What percentage of a pond should be "deep water"? - 11/23/15 09:52 PM
What is the percentage of the total surface area of a pond that should be designed as “deep water”? This is the least productive and most expensive part of the pond depth profile to construct. However, I consider this to be the “insurance policy” for the fish in the pond. In Kansas, the fish have to survive both droughts and winter-kills due to ice cover. The USDA Pond Handbook (#590) puts my site right at the border between the 7-8’ and 8-10’ recommended minimum pond depth.
I have a spring-fed pond site in our pasture that has good clay from 4’ to at least 14’. (Soil probe truck going out next week for deeper samples.) It will be an “excavated” pond. Fortunately, due to the nature of the site - there will be no constraints at all on the depth profile or pond shape. I therefore request help from the PB denizens in designing the optimum depth profile to facilitate management of a LMB-BG pond.
The location is in south-central Kansas. Our state regulations change significantly when your water impoundment exceeds 15 acre-feet. Coincidentally, that is about how much I can afford to excavate – 15 acre-feet = 24,200 cubic yards. [The spoils will be banked just beyond the border of the pond, and then re-covered with saved topsoil.]
The initial pond design is starting with the assumption of approximately 2.0 surface acres. This yields an average depth of 7.5 feet for our design volume of 15 acre-feet.
Questions
1.) Is 10% of the surface area sufficient for a deep water pool? If things got that bad, I would try to set up emergency aeration. Would a significant portion of the fish survive a brutal July & August if they were squeezed into 1/10th of their original space?
2.) Which species drop out first as the oxygen depletes? Which size range of a given species suffers most – big fish or small fish?
3.) Which is preferred for drought insurance, a single deep basin or a narrow channel winding around the pond?
I think a narrow channel the width of a dozer blade with very steep sides would be preferred for normal fish habitat conditions. This would be one more type of “structure” in the lake and would be a deep water retreat for bass hanging out in the brush piles in shallower water. Would dozer slot walls (or even an excavator trench) stay stable over the years if they were below wave depth and were cut into clay?
4.) How deep should the pool be cut (maximum depth) for my conditions?
Considerations
The spring did not go completely dry over the past two-year drought. (Which was not that severe compared to some historical droughts.) However, the spring was only feeding a very small pond of less than 0.1 acres. Evaporation losses will go up significantly with the new pond.
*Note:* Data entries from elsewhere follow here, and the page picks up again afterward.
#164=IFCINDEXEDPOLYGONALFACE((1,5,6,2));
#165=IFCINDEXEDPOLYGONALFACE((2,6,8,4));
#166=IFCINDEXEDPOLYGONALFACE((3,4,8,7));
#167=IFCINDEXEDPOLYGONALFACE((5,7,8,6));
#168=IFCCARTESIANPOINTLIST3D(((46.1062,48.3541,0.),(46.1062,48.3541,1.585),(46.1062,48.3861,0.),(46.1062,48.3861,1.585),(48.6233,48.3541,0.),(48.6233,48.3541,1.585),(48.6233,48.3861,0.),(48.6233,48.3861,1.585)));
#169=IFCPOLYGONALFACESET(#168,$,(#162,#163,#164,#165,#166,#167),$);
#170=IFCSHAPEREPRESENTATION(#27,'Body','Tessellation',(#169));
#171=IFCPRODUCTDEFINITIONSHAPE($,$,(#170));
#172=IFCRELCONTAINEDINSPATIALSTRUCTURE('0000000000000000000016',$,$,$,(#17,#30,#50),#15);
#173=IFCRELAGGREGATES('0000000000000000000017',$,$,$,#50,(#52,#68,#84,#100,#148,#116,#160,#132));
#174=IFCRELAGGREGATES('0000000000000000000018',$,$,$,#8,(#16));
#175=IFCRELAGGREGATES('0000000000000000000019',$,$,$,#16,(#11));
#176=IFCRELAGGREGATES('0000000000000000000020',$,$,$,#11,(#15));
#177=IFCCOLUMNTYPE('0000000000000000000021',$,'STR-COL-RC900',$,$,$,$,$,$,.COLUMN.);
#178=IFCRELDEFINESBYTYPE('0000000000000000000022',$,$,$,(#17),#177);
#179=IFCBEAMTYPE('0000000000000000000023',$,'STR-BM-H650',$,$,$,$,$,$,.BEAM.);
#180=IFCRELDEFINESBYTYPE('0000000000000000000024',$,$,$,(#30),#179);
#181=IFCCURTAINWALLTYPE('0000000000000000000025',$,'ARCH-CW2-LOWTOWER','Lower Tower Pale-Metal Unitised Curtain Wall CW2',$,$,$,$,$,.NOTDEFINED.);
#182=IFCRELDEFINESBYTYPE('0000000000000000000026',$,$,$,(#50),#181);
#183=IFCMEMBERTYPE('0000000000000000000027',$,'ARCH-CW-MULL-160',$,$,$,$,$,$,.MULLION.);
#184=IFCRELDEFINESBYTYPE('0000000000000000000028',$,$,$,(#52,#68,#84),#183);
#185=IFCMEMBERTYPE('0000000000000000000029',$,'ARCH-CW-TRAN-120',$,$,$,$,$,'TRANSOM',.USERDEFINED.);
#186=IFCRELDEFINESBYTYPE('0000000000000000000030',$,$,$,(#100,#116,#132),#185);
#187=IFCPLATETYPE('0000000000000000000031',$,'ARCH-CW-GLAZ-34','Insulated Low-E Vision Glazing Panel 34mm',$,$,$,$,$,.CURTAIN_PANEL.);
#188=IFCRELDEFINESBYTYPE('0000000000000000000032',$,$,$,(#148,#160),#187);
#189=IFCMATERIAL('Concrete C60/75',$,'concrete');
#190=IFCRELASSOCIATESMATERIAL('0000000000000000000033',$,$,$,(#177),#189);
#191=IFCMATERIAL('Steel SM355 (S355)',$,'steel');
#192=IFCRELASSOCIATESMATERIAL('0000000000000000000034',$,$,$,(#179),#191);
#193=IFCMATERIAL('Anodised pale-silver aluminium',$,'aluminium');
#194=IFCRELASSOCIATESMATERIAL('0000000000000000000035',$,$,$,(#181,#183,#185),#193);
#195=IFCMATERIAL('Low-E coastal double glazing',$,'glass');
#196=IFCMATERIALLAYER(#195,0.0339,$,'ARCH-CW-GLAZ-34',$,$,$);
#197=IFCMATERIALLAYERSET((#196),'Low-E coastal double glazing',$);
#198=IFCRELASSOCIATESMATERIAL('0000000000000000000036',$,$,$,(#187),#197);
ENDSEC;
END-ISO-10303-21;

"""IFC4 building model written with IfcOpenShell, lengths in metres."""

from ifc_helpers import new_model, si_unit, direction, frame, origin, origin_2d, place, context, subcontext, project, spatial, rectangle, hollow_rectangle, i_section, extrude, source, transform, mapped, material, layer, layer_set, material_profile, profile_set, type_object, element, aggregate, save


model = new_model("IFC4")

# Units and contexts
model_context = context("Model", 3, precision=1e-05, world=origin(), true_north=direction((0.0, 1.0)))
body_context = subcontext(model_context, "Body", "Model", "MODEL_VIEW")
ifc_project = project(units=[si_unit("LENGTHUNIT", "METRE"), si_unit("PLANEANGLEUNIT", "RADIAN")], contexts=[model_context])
The more acre-feet of water I place in the design for the deep-water pool, the more I have to shrink my surface acreage to stay within the 15 acre-feet regulatory limit.
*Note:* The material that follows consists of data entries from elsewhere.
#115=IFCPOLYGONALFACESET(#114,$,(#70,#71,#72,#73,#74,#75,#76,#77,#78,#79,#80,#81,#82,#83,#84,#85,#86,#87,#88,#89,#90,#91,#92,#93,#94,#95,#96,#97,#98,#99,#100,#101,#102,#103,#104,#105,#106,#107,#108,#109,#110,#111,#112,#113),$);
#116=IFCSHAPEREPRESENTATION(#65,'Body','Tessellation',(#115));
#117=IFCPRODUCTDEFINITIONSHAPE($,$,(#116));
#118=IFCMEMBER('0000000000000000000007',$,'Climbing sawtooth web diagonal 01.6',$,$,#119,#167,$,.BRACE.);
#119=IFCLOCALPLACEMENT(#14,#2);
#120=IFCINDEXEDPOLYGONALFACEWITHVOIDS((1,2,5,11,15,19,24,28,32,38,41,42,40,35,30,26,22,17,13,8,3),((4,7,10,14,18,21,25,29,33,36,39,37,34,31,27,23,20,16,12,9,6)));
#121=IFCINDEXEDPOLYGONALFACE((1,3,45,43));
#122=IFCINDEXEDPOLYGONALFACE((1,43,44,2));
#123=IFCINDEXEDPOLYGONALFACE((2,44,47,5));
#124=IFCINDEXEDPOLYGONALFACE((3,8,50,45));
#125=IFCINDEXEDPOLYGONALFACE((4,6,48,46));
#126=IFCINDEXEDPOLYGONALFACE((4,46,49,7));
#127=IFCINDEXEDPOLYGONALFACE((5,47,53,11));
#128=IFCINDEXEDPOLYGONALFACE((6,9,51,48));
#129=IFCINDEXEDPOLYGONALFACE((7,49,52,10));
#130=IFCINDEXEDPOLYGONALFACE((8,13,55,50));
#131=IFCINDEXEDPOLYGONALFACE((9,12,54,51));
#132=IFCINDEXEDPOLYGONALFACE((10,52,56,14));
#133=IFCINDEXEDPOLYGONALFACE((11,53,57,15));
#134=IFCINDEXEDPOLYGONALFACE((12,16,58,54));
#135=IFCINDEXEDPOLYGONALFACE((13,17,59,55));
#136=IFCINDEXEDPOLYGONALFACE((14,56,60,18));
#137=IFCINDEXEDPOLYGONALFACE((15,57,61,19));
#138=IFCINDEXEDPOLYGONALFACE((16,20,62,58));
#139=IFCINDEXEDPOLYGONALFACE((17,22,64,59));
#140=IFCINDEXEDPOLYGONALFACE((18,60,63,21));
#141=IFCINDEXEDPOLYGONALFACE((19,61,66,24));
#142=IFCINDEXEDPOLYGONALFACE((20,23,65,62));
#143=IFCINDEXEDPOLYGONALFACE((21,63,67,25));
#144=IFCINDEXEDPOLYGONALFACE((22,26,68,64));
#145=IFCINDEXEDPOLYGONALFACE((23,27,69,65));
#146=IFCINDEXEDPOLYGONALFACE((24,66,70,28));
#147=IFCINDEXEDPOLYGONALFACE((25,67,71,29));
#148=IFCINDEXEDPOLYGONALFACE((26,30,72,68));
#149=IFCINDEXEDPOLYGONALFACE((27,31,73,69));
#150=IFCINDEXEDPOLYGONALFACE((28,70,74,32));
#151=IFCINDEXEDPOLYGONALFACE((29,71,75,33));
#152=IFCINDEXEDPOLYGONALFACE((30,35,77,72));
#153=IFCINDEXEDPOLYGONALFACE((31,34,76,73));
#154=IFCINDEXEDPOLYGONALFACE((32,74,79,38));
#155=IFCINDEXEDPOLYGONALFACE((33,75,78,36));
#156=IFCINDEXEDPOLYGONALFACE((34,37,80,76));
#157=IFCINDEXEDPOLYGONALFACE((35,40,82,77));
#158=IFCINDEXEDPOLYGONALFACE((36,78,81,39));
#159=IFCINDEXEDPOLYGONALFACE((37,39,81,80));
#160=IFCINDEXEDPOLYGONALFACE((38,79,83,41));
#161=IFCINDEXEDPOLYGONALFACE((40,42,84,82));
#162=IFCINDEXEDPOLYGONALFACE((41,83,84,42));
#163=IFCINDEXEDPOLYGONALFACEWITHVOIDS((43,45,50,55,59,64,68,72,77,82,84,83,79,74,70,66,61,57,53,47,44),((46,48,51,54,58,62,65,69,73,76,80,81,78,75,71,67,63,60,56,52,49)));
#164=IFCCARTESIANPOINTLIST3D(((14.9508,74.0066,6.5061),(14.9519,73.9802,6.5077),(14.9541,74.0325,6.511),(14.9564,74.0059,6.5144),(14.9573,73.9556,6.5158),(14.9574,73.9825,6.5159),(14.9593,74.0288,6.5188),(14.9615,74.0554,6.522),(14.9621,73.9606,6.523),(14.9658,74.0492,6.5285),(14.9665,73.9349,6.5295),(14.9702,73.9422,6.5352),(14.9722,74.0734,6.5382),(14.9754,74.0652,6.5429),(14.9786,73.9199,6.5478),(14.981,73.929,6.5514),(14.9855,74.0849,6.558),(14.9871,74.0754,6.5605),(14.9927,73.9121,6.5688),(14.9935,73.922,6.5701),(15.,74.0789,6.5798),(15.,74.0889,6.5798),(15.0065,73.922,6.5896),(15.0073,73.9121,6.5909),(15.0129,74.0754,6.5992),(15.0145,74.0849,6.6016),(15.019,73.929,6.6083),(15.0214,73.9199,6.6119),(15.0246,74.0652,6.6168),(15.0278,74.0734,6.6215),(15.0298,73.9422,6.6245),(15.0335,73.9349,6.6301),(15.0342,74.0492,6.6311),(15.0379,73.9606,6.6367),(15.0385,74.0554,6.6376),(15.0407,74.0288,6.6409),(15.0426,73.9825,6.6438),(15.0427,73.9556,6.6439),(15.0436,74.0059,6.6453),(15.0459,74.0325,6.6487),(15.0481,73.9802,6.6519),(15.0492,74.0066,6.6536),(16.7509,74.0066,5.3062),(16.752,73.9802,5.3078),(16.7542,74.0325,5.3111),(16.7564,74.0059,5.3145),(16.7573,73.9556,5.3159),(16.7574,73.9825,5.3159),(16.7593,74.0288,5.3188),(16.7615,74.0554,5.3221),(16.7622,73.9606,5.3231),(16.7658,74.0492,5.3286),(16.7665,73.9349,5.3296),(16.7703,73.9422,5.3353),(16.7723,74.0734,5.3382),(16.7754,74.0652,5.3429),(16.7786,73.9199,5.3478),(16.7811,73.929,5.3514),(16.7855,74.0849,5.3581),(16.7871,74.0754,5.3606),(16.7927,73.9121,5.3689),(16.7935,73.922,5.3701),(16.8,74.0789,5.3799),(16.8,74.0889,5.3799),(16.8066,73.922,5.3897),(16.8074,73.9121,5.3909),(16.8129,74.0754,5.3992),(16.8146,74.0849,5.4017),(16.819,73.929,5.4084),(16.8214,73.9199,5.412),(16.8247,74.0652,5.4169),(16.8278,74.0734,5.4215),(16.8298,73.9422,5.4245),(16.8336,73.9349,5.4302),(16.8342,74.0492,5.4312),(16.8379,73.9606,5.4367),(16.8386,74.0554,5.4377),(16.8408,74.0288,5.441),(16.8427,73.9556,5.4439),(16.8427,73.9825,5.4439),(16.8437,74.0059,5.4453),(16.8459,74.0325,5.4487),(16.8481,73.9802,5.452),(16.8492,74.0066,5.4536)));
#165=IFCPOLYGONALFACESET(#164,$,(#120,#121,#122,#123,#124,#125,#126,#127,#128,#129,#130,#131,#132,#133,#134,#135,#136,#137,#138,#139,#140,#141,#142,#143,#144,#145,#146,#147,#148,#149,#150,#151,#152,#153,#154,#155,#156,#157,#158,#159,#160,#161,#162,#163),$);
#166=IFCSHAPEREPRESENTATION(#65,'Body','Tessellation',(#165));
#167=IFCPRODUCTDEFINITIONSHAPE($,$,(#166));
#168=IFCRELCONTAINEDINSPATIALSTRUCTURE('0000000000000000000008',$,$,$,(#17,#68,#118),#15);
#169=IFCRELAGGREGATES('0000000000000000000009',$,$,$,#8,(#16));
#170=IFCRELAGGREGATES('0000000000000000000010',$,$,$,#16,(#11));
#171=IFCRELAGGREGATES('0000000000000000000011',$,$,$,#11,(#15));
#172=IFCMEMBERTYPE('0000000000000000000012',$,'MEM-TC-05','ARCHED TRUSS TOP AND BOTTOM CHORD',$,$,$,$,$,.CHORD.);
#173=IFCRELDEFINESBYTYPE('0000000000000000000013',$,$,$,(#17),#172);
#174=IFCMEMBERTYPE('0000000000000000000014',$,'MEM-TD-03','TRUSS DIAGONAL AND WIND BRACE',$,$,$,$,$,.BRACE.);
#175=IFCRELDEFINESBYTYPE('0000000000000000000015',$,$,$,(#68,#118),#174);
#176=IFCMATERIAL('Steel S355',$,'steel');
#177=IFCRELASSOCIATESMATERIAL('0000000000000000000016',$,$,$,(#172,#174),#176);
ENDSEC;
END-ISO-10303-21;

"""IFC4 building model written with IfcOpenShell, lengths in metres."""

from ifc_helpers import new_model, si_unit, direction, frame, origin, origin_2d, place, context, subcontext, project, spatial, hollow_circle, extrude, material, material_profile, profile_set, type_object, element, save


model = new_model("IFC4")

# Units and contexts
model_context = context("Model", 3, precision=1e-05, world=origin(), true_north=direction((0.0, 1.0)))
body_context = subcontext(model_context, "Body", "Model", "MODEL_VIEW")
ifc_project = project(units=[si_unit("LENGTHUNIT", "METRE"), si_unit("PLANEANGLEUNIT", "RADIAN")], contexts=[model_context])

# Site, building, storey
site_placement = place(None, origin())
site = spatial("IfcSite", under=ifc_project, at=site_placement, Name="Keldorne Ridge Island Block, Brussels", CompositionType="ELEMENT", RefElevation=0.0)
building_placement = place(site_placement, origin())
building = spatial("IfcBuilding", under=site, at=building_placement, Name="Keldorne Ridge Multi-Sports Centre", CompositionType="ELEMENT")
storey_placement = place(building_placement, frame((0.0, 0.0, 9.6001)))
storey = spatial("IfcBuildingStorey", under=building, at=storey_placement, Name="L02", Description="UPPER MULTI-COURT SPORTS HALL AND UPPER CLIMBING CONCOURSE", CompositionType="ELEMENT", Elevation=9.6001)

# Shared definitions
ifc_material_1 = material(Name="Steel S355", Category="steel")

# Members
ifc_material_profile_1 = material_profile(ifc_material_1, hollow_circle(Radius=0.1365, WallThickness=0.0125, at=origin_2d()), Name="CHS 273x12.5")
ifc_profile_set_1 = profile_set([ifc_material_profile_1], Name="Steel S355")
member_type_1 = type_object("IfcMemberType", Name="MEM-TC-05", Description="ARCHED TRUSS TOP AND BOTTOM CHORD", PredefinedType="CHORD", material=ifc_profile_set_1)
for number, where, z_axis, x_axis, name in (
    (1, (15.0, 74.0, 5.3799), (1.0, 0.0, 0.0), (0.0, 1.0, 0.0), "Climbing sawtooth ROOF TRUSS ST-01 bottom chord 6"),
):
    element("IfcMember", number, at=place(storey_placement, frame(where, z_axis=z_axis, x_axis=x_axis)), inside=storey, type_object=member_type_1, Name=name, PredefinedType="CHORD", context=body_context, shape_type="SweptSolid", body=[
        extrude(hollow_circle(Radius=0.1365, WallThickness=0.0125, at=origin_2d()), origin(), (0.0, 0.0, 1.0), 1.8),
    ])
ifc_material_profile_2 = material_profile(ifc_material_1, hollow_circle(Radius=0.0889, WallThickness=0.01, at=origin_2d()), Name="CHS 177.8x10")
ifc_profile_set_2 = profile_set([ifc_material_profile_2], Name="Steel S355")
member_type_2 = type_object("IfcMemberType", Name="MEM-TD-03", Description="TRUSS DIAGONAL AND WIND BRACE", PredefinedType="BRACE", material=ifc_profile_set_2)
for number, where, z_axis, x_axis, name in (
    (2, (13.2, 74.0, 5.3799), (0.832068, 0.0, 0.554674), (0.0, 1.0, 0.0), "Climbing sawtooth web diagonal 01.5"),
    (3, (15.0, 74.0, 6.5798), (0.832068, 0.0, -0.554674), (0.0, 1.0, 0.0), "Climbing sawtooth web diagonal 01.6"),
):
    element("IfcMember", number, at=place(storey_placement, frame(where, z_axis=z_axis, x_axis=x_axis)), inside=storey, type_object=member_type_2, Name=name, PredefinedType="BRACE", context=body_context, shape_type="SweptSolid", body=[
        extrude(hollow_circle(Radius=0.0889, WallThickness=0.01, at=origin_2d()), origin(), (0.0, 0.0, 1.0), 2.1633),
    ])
Any recommendations or comments would be greatly appreciated.
I have a spring-fed pond site in our pasture that has good clay from 4’ to at least 14’. (Soil probe truck going out next week for deeper samples.) It will be an “excavated” pond. Fortunately, due to the nature of the site - there will be no constraints at all on the depth profile or pond shape. I therefore request help from the PB denizens in designing the optimum depth profile to facilitate management of a LMB-BG pond.
The location is in south-central Kansas. Our state regulations change significantly when your water impoundment exceeds 15 acre-feet. Coincidentally, that is about how much I can afford to excavate – 15 acre-feet = 24,200 cubic yards. [The spoils will be banked just beyond the border of the pond, and then re-covered with saved topsoil.]
The initial pond design is starting with the assumption of approximately 2.0 surface acres. This yields an average depth of 7.5 feet for our design volume of 15 acre-feet.
Questions
1.) Is 10% of the surface area sufficient for a deep water pool? If things got that bad, I would try to set up emergency aeration. Would a significant portion of the fish survive a brutal July & August if they were squeezed into 1/10th of their original space?
2.) Which species drop out first as the oxygen depletes? Which size range of a given species suffers most – big fish or small fish?
3.) Which is preferred for drought insurance, a single deep basin or a narrow channel winding around the pond?
I think a narrow channel the width of a dozer blade with very steep sides would be preferred for normal fish habitat conditions. This would be one more type of “structure” in the lake and would be a deep water retreat for bass hanging out in the brush piles in shallower water. Would dozer slot walls (or even an excavator trench) stay stable over the years if they were below wave depth and were cut into clay?
4.) How deep should the pool be cut (maximum depth) for my conditions?
Considerations
The spring did not go completely dry over the past two-year drought. (Which was not that severe compared to some historical droughts.) However, the spring was only feeding a very small pond of less than 0.1 acres. Evaporation losses will go up significantly with the new pond.
The more acre-feet of water I place in the design for the deep-water pool, the more I have to shrink my surface acreage to stay within the 15 acre-feet regulatory limit.
Any recommendations or comments would be greatly appreciated.